Dono della sintesi e melodie più ficcanti: solo questo manca ai
Wedingoth per trovare la quadratura del cerchio.
"Alone In The Crowd" è un concept (tematicamente non troppo originale) sui sentimenti di un essere umano in seguito a uno shock emotivo musicalmente a cavallo tra progressive rock/metal, gothic e melodramma (che traspare nelle orchestrazioni e nell'uso misurato dell'elettronica).
Dopo una brevissima overture sinfonica/elettronica, con la titletrack entriamo a capofitto nell'universo sonoro della band, fatto di goth/prog metal, linee vocali non entusiasmanti, arrangiamenti equilibrati ma prolissi.
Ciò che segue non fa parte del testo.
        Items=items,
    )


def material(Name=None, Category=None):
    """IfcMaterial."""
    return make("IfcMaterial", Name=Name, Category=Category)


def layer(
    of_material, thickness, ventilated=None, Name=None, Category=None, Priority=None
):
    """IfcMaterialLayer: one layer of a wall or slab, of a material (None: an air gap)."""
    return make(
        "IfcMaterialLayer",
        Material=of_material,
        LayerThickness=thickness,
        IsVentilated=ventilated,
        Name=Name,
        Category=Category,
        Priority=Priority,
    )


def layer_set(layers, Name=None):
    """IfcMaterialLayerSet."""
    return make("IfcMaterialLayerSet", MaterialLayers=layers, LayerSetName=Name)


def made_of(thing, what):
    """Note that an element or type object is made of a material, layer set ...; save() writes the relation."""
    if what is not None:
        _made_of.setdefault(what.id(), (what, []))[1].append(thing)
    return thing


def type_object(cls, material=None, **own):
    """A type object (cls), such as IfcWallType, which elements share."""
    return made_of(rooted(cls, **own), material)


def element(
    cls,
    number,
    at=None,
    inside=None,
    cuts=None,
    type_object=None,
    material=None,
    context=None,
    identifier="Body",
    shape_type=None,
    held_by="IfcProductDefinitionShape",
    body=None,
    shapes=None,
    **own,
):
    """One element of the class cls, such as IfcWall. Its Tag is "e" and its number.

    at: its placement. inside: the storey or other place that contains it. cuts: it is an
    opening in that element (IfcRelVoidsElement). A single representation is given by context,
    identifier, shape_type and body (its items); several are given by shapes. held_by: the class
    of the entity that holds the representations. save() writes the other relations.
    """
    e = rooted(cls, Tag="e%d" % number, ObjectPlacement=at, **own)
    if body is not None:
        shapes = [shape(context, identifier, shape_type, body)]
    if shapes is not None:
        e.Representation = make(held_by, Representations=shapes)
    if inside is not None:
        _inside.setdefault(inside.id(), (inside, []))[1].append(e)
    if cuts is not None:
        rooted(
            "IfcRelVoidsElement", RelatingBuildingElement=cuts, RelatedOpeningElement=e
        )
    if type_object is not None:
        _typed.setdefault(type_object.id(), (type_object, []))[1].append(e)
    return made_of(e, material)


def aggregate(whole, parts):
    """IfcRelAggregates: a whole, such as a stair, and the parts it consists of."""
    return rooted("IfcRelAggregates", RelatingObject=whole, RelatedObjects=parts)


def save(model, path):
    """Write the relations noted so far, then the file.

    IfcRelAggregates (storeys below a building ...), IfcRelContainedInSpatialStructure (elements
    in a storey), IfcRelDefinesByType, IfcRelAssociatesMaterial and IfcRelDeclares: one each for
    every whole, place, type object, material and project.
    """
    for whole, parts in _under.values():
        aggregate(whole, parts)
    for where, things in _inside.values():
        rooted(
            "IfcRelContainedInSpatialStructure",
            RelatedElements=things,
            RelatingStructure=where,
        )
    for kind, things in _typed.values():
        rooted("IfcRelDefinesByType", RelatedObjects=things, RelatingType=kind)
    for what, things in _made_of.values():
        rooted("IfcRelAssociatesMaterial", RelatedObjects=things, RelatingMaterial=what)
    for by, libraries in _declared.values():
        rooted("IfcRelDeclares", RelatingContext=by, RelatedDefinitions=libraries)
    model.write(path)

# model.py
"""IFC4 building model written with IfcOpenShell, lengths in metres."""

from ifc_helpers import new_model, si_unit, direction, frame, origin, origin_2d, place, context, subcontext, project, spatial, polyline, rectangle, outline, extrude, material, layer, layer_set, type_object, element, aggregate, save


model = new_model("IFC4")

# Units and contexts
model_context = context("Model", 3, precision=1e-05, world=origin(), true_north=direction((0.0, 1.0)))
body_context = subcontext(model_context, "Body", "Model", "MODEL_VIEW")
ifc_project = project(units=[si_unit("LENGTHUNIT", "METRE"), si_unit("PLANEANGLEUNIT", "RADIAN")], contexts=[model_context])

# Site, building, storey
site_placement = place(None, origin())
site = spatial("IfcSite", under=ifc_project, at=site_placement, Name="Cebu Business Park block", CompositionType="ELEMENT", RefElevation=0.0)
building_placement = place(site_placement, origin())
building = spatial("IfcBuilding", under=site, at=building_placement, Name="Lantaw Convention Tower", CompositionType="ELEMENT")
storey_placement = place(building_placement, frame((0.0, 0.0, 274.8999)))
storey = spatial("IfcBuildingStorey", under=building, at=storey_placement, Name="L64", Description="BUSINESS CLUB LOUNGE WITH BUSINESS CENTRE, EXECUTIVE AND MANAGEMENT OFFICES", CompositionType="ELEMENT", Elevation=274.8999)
"When The World Collapses" pone l'accento sulla componente epica ed heavy della proposta, con un intermezzo di ispirazione Seventies dalle tinte teatrali.
"The Painter" è una traccia lineare e orecchiabile, piacevole ma niente di più, con un break strumentale prettamente progressivo, e fa il paio con la successiva
"Evolat", terzinato folk/bucolico di memoria opethiana.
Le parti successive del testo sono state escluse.